Depois de quase três anos, o governo dos EUA confirmou a hipótese de um par de astrofísicos de Harvard, de que um objeto interestelar caiu no Oceano Pacífico.

Em um memorando anteriormente classificado, o Comando Espacial dos EUA afirmou que uma bola de fogo vista na costa de Papua Nova Guiné em 2014 foi, de fato, o primeiro meteorito interestelar conhecido por ter caído na Terra.

Embora o mais novo ramo do Pentágono não tenha revelado muito mais do que os investigadores suspeitavam, é a primeira admissão desse tipo, uma descoberta importante sobrecarregada pela burocracia e papelada.

A conclusão em si não é nova, foi originalmente levantada pelo astrofísico teórico de Harvard Amir Siraj e seu mentor Avi Loeb em um estudo preliminar de 2019(clique aqui para ver).
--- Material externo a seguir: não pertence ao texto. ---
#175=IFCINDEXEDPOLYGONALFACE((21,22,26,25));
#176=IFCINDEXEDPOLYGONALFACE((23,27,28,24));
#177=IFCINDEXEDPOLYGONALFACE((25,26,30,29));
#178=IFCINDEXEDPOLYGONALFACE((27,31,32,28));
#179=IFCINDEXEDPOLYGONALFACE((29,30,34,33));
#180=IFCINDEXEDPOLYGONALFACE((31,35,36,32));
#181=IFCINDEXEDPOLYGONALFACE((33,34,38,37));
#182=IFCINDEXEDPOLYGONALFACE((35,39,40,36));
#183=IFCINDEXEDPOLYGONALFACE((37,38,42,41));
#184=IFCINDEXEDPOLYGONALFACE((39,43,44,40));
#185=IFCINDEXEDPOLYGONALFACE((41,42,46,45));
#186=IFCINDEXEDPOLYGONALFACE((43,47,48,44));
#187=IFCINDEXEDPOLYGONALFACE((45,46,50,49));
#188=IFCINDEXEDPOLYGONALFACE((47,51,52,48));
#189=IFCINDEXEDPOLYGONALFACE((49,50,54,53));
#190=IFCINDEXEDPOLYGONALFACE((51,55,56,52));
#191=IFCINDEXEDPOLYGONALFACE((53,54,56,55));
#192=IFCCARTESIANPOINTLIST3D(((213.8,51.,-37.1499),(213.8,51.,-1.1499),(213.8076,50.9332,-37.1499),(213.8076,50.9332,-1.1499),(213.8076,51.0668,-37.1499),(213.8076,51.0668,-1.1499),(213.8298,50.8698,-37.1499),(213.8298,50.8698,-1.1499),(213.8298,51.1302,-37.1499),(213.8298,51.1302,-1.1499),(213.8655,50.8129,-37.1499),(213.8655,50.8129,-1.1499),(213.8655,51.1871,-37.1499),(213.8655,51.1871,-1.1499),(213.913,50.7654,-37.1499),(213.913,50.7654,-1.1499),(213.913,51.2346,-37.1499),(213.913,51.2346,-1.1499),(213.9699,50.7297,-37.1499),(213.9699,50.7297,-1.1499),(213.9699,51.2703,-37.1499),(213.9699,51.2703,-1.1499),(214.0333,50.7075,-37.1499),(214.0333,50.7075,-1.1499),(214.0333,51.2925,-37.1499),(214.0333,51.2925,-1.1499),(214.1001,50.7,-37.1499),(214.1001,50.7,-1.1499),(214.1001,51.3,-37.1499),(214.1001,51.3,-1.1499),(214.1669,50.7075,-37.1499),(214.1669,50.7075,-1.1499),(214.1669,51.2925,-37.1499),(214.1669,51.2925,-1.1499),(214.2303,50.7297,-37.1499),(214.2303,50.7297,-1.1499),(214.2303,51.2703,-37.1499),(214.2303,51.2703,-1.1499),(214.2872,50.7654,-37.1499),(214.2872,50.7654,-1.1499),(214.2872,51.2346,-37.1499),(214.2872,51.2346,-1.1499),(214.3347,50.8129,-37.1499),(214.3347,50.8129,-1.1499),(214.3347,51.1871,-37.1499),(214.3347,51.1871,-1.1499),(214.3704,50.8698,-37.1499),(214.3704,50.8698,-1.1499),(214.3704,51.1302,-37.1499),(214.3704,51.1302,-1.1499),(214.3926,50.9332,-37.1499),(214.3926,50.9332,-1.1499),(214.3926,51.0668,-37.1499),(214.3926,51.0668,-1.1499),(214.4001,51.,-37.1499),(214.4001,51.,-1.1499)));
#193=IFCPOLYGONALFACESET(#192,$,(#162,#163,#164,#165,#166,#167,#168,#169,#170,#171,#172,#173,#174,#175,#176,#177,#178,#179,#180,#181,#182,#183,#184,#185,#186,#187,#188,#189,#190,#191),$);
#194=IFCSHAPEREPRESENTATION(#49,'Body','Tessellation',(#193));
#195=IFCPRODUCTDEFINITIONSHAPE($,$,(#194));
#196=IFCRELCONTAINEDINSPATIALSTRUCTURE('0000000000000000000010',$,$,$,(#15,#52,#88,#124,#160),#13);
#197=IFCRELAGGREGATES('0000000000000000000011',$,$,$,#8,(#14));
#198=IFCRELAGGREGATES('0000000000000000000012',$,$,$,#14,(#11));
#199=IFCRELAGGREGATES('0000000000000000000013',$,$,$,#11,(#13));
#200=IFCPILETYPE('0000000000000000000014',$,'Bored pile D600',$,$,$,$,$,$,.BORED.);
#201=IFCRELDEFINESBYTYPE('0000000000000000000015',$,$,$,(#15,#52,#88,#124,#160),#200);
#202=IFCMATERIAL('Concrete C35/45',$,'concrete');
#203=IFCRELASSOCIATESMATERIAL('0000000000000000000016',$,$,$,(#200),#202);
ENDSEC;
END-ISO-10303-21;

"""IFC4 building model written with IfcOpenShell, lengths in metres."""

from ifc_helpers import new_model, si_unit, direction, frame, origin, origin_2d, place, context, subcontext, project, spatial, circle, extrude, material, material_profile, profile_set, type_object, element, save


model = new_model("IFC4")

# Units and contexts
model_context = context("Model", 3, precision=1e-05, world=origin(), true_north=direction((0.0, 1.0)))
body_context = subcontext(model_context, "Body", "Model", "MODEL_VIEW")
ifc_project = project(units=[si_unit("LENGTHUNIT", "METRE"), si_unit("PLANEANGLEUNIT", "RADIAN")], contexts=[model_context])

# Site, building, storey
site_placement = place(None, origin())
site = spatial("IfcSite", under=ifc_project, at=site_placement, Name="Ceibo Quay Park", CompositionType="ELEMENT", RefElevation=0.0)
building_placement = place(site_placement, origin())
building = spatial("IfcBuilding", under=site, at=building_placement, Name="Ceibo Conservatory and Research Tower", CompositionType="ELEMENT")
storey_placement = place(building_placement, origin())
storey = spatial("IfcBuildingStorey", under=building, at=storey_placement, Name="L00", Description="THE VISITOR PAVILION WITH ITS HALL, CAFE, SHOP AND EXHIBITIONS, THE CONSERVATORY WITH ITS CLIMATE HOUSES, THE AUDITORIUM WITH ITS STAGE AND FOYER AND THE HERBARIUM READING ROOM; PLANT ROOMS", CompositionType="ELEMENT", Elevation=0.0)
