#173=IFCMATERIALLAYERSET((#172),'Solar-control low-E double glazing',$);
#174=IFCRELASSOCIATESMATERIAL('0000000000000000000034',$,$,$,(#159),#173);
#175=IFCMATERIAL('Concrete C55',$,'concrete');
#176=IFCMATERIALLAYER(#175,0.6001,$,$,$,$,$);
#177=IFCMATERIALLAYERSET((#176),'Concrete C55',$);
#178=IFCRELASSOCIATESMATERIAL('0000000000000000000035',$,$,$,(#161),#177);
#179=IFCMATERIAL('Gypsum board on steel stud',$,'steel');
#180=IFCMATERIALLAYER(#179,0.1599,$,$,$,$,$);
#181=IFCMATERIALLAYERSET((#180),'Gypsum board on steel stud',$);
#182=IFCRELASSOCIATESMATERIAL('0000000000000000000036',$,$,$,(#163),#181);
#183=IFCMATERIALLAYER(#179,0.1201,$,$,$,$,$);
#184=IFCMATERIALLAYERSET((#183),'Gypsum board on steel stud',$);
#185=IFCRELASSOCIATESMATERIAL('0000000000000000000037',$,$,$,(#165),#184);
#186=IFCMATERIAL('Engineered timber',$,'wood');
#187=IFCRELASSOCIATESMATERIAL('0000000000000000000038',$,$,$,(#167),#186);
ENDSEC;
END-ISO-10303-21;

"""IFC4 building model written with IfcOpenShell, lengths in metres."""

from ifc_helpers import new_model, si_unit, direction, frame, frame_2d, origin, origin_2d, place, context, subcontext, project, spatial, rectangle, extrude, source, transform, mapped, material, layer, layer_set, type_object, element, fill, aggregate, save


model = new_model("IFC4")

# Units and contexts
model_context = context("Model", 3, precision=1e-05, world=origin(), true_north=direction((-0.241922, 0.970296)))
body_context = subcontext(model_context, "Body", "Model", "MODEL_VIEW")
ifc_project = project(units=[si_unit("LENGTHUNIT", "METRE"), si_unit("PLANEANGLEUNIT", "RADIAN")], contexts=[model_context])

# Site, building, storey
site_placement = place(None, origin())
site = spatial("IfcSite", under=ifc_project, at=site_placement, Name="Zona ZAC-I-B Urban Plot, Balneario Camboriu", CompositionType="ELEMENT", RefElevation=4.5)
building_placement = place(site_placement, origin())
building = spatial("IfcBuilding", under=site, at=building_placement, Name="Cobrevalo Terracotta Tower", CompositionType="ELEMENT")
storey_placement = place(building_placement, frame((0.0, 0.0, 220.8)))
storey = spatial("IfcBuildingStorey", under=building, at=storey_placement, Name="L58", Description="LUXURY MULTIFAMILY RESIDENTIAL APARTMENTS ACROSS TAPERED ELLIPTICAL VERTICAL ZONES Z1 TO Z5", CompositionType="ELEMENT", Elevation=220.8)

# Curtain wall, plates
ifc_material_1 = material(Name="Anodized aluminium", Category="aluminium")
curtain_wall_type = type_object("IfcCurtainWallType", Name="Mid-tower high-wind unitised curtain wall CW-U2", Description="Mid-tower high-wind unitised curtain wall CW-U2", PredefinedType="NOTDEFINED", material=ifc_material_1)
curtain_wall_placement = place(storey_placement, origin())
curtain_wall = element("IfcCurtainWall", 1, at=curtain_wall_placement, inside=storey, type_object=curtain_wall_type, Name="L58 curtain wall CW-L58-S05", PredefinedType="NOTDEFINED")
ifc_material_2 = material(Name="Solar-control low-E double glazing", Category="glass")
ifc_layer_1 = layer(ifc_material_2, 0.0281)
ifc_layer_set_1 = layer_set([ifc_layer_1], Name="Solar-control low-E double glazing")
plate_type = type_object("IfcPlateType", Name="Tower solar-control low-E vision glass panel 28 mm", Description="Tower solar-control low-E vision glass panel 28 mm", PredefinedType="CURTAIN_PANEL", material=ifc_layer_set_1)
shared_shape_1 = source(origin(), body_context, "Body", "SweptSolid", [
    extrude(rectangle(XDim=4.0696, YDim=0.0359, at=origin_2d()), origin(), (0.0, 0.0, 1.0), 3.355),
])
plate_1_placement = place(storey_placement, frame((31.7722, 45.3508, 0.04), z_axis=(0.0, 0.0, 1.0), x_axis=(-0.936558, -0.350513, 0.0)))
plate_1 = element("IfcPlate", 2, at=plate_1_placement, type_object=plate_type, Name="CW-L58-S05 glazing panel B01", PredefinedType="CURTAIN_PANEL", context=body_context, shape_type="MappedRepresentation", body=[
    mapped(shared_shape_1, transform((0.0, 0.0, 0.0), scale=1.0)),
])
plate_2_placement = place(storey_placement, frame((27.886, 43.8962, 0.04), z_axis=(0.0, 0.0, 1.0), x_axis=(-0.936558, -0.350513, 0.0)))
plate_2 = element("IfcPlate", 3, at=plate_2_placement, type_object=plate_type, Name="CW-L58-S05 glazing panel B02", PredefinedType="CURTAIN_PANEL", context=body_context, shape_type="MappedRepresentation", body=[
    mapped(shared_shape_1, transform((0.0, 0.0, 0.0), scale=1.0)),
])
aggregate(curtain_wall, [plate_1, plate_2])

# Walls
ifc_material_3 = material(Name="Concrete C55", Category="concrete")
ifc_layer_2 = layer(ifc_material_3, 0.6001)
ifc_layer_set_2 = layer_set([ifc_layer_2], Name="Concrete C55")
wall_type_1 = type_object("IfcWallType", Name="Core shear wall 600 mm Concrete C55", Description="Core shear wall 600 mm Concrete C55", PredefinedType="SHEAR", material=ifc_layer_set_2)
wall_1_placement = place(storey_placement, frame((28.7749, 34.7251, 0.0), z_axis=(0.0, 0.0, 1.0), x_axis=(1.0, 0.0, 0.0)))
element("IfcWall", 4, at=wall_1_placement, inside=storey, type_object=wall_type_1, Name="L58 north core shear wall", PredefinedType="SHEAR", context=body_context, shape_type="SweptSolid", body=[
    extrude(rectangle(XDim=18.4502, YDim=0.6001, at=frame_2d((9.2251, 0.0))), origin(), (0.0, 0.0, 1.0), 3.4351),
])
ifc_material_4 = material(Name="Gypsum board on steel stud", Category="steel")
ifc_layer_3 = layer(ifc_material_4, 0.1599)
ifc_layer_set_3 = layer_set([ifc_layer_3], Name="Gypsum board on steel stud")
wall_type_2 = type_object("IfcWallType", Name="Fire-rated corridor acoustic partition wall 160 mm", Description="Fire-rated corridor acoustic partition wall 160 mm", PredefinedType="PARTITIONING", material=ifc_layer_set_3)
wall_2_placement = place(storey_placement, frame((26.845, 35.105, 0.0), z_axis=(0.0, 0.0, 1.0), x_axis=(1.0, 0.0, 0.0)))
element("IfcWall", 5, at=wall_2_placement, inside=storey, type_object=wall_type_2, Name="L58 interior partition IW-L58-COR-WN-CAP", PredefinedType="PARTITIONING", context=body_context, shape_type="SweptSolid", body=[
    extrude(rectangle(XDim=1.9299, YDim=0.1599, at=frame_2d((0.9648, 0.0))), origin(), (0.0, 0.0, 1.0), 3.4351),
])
Desde então, os dois cientistas lutaram para que ele fosse revisado por pares, algo que foi complicado em grande parte porque os dados sobre o pequeno meteoro permaneceram confidenciais(clique aqui para ver).

O achado

A descoberta de ‘Oumuamua, um objeto interestelar com cerca de 400 metros de comprimento que foi visto deixando o sistema solar em 2017, foi a principal inspiração para os astrofísicos procurarem mais desses objetos.

O ex-chefe do Departamento de Astronomia da Universidade de Harvard, EUA, Abraham Loeb, afirma que espaçonave alienígena se aproximou de nosso planeta em 6 de setembro de 2017.
O ex-chefe do Departamento de Astronomia da Universidade de Harvard, EUA, Abraham Loeb, afirma que espaçonave alienígena se aproximou de nosso planeta em 6 de setembro de 2017.

Loeb, que especulou que ‘Oumuamua poderia ter sido uma peça de tecnologia alienígena, sugeriu que Siraj verificasse um banco de dados de bolas de fogo e impactos de meteoritos gerenciados pelo Centro de Estudos de Objetos Próximos à Terra (CNEOS) na NASA.

Há quase 1.000 acertos registrados no banco de dados, mas uma bola de fogo que explodiu perto da Ilha Manus em 8 de janeiro de 2014 chamou a atenção de Siraj devido a uma velocidade incomumente rápida de mais de 130.000 milhas por hora.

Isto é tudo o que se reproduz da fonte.